National Theatre commits to more plays from outside London | National Theatre


At least a third of the National Theatre’s new work will in future come from artists, venues and producers outside London, part of a campaign to help British theatre get back on its feet after the devastation of the pandemic.

On Friday the theatre announced reopening plans which will include a new musical based on Sleeping Beauty; and a new play for the Olivier stage telling the story of Nathuram Godse, the devout follower of Gandhi who became his assassin in 1948.

It also publicly launched National Theatre Together, described by the NT’s artistic director, Rufus Norris, as “a campaign that seeks to ensure we emerge from this time into a bright and creative future”.

Norris said the theatre’s new work department was returning to full strength “and we are even more committed to opening our doors to artists and theatre makers from across the whole breadth of the UK to support the sector, to flourish after the devastation of the past year”.

That will include a commitment that at least a third of the department’s capacity and resources will go towards developing work produced outside London.

All three South Bank theatre spaces are beginning to reopen for live audiences for the first time since March 2020.

The biggest space, the Olivier, reopens for socially distanced audiences in a fortnight with Under Milk Wood, starring Michael Sheen. Shows later in the year include Paradise by Kae Tempest, Larry Kramer’s The Normal Heart, and the Sleeping Beauty musical titled Hex for which Norris has written lyrics and will direct.
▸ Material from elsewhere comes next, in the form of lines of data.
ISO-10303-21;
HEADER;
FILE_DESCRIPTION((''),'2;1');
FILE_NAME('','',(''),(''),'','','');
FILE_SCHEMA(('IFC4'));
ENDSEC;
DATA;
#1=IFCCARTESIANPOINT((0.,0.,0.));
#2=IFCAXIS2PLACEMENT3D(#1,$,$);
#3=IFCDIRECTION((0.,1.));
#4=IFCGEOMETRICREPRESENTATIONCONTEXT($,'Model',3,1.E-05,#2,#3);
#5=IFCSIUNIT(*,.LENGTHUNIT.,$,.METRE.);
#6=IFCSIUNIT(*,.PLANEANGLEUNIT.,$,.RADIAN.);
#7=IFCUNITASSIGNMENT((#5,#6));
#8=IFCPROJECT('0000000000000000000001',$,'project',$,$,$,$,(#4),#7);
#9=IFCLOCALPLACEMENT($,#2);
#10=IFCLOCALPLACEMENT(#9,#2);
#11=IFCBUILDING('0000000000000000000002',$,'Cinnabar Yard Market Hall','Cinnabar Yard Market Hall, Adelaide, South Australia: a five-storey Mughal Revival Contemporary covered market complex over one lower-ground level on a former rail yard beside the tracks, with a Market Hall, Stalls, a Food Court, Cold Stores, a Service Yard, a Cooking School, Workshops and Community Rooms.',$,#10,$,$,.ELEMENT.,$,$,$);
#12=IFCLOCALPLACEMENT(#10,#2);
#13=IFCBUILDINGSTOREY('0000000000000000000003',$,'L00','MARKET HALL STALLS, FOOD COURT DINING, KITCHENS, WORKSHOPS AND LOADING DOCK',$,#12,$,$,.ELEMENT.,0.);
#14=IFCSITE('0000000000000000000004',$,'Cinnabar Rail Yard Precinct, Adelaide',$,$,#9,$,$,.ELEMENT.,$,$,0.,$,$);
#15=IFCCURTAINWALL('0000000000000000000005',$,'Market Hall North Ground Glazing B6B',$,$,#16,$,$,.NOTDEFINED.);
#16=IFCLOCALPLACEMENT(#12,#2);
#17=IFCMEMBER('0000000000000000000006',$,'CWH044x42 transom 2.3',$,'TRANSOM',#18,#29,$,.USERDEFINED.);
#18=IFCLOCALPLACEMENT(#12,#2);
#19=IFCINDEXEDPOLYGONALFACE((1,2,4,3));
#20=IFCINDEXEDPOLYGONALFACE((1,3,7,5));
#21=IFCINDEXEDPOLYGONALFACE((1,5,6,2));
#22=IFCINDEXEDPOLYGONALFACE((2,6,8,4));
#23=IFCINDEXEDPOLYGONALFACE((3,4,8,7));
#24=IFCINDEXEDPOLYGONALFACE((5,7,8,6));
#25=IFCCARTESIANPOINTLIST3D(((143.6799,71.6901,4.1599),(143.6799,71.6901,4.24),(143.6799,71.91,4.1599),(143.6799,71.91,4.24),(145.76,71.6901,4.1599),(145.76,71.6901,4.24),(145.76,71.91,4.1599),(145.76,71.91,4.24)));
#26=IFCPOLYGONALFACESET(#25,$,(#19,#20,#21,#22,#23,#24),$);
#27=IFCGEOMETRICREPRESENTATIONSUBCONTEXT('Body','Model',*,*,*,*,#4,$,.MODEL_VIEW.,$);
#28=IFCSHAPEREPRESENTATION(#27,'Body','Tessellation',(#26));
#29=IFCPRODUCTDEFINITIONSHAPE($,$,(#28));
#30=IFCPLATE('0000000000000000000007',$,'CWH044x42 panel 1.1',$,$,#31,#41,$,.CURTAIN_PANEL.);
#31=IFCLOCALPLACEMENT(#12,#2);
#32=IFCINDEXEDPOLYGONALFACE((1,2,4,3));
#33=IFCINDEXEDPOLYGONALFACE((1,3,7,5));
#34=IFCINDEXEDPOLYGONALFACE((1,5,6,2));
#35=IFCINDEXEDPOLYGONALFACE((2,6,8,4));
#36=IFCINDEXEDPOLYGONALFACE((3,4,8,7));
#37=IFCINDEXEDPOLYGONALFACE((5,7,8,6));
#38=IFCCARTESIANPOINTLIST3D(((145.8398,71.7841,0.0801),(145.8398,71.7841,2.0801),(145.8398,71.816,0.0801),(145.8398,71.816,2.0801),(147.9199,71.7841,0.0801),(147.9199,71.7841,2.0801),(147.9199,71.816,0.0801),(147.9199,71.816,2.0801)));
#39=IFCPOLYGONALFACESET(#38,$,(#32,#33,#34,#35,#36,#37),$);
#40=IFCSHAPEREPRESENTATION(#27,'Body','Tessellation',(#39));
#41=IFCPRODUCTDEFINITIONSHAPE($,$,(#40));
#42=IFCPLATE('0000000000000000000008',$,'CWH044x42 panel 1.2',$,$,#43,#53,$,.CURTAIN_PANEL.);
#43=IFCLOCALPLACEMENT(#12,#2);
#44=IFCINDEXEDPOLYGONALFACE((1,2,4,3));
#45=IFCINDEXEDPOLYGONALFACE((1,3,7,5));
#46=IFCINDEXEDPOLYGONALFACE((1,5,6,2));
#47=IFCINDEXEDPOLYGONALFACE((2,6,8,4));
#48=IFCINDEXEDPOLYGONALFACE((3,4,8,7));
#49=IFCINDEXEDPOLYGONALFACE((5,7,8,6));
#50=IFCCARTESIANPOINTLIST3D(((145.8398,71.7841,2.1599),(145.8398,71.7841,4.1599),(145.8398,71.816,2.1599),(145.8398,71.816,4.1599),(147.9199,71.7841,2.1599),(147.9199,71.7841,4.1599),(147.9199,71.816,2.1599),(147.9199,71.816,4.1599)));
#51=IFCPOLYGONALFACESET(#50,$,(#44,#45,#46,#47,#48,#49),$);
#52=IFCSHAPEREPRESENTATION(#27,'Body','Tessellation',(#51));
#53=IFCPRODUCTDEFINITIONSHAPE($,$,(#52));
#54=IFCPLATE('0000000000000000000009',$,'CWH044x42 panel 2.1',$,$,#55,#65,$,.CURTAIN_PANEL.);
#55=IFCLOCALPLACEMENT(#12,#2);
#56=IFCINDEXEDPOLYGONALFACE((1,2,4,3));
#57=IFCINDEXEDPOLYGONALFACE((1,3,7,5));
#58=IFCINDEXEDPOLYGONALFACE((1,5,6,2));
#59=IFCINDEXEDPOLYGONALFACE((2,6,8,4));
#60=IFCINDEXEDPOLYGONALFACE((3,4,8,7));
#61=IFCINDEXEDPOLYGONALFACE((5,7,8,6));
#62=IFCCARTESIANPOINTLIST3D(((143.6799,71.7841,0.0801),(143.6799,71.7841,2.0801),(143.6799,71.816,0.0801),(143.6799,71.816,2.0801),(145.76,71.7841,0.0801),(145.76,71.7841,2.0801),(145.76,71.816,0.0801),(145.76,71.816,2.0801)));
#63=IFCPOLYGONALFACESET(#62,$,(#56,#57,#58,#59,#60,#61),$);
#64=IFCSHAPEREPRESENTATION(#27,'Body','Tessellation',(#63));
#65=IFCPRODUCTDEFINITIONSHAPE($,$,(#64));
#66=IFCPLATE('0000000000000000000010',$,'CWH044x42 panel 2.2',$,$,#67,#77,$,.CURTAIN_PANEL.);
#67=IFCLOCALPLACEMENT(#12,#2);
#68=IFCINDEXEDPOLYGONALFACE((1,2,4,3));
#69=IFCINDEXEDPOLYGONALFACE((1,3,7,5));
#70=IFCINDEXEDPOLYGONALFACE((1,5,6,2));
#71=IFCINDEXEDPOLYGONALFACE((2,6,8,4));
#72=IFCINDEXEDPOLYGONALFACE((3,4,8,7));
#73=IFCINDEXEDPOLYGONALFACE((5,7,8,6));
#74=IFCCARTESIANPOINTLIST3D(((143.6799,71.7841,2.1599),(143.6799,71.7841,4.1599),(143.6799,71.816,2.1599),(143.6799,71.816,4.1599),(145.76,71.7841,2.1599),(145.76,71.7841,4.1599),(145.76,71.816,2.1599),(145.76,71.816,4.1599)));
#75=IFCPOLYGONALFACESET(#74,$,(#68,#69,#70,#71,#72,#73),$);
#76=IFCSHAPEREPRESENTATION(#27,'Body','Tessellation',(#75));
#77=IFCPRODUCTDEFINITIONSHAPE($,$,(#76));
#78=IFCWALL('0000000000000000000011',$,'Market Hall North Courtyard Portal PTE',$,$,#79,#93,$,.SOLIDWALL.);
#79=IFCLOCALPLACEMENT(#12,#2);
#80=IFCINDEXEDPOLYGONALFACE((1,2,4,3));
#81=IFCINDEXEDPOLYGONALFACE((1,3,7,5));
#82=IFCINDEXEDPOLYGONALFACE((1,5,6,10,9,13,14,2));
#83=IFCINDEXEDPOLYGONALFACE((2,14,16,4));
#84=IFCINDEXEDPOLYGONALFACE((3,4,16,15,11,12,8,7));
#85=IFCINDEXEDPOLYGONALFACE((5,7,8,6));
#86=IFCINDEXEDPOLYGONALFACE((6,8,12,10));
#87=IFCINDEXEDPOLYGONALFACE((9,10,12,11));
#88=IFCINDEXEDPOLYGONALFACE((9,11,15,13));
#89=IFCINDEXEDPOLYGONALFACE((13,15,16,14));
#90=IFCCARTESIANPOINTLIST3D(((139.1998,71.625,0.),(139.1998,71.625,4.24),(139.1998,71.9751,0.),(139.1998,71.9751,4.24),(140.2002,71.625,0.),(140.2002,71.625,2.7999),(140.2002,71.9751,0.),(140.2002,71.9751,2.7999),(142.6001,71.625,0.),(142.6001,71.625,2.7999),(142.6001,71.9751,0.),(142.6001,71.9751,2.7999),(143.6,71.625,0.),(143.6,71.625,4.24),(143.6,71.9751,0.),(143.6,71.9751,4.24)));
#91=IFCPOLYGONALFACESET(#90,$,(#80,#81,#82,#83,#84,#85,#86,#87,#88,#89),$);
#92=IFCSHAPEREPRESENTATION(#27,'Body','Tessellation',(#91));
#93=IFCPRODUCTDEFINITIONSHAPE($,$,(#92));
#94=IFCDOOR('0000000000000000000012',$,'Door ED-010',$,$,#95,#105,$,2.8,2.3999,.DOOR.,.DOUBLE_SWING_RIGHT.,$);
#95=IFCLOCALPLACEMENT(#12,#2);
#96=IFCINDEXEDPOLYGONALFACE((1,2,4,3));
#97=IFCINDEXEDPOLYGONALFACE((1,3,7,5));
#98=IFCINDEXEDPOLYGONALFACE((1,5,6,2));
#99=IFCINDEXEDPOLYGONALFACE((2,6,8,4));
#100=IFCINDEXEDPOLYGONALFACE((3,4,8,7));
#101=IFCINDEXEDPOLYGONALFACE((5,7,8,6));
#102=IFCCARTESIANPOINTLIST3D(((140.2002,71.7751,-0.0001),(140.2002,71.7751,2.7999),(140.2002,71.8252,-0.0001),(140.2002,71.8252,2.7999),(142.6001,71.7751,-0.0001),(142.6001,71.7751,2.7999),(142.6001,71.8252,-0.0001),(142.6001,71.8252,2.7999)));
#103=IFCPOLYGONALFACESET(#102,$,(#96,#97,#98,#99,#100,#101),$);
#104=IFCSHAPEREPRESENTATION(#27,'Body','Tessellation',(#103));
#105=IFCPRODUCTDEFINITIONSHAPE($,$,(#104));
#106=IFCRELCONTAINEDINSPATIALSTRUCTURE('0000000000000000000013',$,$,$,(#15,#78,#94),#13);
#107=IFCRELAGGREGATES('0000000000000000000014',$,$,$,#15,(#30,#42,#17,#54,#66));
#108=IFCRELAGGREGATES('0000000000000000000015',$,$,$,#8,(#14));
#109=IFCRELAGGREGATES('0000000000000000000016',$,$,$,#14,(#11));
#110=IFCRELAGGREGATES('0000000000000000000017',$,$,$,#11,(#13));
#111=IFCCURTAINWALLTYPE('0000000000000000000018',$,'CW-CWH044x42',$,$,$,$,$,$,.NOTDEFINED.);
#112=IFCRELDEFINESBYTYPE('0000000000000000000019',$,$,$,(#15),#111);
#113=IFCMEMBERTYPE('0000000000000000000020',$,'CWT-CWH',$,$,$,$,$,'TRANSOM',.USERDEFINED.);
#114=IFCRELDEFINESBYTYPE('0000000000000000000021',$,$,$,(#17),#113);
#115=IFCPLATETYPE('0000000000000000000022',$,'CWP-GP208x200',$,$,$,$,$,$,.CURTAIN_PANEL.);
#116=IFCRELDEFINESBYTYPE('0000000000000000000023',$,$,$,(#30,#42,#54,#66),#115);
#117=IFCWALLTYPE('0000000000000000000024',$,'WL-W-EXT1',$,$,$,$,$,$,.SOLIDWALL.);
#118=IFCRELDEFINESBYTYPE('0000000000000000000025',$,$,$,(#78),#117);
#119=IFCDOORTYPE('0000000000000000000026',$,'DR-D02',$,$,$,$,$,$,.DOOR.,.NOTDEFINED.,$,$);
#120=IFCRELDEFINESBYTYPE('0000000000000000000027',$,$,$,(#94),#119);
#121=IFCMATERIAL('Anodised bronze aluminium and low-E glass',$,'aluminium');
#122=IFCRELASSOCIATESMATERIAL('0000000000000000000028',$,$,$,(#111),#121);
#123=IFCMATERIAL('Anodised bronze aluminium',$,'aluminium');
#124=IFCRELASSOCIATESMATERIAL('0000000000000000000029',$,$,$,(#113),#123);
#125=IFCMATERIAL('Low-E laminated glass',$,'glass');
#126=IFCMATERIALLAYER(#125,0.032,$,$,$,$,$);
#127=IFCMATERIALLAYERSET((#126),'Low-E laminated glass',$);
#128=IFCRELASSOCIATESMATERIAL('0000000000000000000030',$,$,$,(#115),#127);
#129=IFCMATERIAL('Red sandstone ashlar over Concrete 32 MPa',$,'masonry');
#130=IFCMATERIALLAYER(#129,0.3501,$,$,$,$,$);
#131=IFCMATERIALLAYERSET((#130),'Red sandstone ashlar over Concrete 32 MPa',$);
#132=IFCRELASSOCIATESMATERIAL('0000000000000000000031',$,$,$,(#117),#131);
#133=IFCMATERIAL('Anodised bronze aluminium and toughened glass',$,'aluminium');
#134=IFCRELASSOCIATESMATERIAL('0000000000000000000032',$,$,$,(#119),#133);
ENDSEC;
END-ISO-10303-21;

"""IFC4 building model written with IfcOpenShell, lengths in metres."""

from ifc_helpers import new_model, si_unit, direction, frame, frame_2d, origin, origin_2d_with_axis, place, context, subcontext, project, spatial, rectangle, extrude, material, layer, layer_set, material_profile, profile_set, type_object, element, fill, aggregate, save


model = new_model("IFC4")

# Units and contexts
model_context = context("Model", 3, precision=1e-05, world=origin(), true_north=direction((0.0, 1.0)))
body_context = subcontext(model_context, "Body", "Model", "MODEL_VIEW")
ifc_project = project(units=[si_unit("LENGTHUNIT", "METRE"), si_unit("PLANEANGLEUNIT", "RADIAN")], contexts=[model_context])

# Site, building, storey
site_placement = place(None, origin())
site = spatial("IfcSite", under=ifc_project, at=site_placement, Name="Cinnabar Rail Yard Precinct, Adelaide", CompositionType="ELEMENT", RefElevation=0.0)
building_placement = place(site_placement, origin())
building = spatial("IfcBuilding", under=site, at=building_placement, Name="Cinnabar Yard Market Hall", Description="Cinnabar Yard Market Hall, Adelaide, South Australia: a five-storey Mughal Revival Contemporary covered market complex over one lower-ground level on a former rail yard beside the tracks, with a Market Hall, Stalls, a Food Court, Cold Stores, a Service Yard, a Cooking School, Workshops and Community Rooms.", CompositionType="ELEMENT")
storey_placement = place(building_placement, origin())
storey = spatial("IfcBuildingStorey", under=building, at=storey_placement, Name="L00", Description="MARKET HALL STALLS, FOOD COURT DINING, KITCHENS, WORKSHOPS AND LOADING DOCK", CompositionType="ELEMENT", Elevation=0.0)

# Shared definitions
ifc_material_1 = material(Name="Anodised bronze aluminium", Category="aluminium")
The book is by Tanya Ronder, Norris’s wife, with music by Jim Fortune.

The Gandhi play, titled The Father and the Assassin, is written by Anupama Chandrasekhar, a former NT writer-in-residence.
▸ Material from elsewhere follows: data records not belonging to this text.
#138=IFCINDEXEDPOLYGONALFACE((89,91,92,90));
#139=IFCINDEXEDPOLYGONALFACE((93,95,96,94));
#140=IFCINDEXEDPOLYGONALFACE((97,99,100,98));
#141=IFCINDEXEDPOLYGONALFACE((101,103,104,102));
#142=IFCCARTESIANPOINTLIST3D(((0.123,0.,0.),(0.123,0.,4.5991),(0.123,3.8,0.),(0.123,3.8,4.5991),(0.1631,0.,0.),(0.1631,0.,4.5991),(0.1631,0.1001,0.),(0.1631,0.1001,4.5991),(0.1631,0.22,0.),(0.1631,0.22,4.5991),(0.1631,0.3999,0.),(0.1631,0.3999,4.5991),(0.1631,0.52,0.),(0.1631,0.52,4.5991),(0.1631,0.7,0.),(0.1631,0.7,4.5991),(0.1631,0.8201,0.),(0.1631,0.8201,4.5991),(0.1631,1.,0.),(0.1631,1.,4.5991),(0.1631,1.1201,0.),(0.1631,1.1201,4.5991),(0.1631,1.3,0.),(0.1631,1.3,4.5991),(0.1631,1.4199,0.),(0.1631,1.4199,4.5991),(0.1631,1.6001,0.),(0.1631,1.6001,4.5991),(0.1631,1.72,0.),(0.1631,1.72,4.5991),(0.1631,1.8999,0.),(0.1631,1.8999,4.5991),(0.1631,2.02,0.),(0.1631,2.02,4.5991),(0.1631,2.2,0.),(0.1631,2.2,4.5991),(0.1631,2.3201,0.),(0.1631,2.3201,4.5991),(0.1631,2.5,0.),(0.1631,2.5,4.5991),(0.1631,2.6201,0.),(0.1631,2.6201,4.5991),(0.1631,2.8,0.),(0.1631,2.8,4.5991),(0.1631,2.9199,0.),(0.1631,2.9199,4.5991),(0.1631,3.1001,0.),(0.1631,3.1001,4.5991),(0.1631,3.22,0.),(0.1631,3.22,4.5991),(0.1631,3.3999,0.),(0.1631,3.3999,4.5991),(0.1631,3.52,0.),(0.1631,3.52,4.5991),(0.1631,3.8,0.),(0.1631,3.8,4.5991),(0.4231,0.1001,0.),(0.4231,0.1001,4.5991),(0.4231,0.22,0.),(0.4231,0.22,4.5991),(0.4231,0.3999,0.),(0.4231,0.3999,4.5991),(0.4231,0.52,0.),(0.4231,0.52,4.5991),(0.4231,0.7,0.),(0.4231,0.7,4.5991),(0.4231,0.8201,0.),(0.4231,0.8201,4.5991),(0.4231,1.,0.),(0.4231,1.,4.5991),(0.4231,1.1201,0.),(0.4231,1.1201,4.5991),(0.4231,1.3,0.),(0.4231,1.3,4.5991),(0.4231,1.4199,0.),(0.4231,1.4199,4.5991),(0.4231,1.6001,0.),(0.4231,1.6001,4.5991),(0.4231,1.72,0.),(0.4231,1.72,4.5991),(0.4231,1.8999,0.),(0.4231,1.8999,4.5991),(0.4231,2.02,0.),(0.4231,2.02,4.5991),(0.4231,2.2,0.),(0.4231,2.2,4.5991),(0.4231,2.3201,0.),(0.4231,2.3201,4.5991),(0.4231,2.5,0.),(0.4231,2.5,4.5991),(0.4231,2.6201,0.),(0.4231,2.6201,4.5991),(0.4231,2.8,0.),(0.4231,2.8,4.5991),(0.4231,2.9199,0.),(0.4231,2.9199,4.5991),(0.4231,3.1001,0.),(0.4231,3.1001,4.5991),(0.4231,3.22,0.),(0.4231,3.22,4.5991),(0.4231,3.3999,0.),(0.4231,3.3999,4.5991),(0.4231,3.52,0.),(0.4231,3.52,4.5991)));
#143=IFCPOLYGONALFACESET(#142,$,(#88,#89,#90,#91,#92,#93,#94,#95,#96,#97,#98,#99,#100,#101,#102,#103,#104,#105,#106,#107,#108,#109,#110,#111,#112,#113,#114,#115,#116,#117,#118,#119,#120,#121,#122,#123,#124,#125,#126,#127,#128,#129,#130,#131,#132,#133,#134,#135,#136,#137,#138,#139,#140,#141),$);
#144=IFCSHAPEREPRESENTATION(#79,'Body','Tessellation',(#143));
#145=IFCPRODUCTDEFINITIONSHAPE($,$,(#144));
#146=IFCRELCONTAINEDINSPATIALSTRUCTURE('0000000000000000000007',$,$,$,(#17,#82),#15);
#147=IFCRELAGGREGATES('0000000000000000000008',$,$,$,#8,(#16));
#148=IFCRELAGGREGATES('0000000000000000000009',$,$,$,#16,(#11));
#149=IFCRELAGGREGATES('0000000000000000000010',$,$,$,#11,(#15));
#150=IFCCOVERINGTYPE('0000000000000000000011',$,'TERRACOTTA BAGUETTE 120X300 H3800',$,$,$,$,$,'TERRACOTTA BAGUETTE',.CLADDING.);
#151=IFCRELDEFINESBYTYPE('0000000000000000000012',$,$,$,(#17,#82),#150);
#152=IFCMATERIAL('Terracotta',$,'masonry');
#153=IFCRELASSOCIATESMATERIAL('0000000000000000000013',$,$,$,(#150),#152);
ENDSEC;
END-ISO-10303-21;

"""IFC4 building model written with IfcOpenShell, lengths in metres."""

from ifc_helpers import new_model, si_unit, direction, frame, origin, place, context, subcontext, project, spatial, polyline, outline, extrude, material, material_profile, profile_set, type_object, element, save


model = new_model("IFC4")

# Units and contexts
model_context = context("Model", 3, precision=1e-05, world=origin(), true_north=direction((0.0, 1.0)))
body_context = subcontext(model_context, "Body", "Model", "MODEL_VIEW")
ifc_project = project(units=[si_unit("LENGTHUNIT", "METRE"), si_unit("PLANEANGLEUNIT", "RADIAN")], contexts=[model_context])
Like all arts organisations, the National Theatre will have to operate with a slimmed-down business model. That will mean “slightly fewer productions” and none in rep, it said.

The theatre has lost a third of its workforce, drained its reserves and had to take on a £19.7m survival loan from the government, to be repaid with interest over the next 20 years.
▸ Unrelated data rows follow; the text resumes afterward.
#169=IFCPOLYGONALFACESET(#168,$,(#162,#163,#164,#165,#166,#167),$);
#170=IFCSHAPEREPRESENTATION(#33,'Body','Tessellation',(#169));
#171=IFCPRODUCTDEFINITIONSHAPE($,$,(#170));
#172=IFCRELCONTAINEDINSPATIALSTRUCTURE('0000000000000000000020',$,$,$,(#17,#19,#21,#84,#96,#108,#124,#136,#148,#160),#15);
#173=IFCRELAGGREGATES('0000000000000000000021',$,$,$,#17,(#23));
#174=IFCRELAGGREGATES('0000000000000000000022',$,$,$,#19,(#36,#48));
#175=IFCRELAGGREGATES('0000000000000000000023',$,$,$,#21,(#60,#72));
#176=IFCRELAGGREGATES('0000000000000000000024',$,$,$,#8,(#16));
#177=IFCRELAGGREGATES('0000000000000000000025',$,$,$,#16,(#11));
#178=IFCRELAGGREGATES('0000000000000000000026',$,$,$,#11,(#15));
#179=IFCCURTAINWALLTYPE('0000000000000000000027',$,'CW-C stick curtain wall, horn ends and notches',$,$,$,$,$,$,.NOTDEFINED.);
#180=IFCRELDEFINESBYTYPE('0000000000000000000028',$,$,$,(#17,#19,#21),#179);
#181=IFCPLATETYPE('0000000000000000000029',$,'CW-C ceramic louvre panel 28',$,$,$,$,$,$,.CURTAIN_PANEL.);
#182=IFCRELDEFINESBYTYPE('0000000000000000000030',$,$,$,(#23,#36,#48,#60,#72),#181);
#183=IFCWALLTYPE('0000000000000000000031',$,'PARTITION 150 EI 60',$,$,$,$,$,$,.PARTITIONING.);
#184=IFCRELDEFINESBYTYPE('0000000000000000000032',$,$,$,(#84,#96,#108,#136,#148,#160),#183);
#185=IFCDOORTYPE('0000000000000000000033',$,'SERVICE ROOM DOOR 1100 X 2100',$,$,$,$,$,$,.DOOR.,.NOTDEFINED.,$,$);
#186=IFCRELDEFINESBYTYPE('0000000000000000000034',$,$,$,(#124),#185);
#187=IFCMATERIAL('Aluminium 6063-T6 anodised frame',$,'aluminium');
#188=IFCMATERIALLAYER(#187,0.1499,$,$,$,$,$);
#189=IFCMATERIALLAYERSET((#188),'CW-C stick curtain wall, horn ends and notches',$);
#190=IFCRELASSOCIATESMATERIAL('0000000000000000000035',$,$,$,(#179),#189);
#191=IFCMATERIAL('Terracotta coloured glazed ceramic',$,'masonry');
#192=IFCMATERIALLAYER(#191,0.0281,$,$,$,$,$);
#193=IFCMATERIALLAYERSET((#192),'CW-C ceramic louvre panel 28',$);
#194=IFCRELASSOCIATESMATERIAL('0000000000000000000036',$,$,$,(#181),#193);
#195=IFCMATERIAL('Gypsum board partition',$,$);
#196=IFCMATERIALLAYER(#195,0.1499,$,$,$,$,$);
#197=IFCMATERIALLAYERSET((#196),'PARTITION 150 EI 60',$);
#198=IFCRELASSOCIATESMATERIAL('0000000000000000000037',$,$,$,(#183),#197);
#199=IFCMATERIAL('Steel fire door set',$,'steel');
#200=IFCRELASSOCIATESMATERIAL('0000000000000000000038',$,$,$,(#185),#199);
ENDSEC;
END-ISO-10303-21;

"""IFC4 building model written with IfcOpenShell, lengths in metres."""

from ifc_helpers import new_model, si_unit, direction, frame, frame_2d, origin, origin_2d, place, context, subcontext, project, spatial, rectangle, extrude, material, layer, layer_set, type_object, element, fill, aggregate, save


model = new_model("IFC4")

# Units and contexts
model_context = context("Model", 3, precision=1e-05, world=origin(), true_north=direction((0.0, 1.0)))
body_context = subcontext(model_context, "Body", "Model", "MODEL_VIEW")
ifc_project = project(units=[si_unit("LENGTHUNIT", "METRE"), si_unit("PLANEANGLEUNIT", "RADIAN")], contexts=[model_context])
Lisa Burger, joint chief executive, conceded that the loan meant it would be “cushioned” if theatres are not allowed to fully reopen on 21 June.

Andrew Lloyd Webber has threatened legal action if theatres can’t reopen. Norris said: “We don’t take quite such a hard line and we won’t be going to court over that, but I totally respect other people’s decisions to do as they see fit.”

Norris said the loan came with no conditions, that it would have no effect on artistic decisions and that risk-taking would continue. Asked if it would affect the theatre’s willingness to take risks, Norris asked: “What is safe programming?”

He added that “people’s taste has really expanded over the last few years”. The more they widened the programme to attract new audiences the more they discovered “we were broadening the experience of the people who had already been our audience”.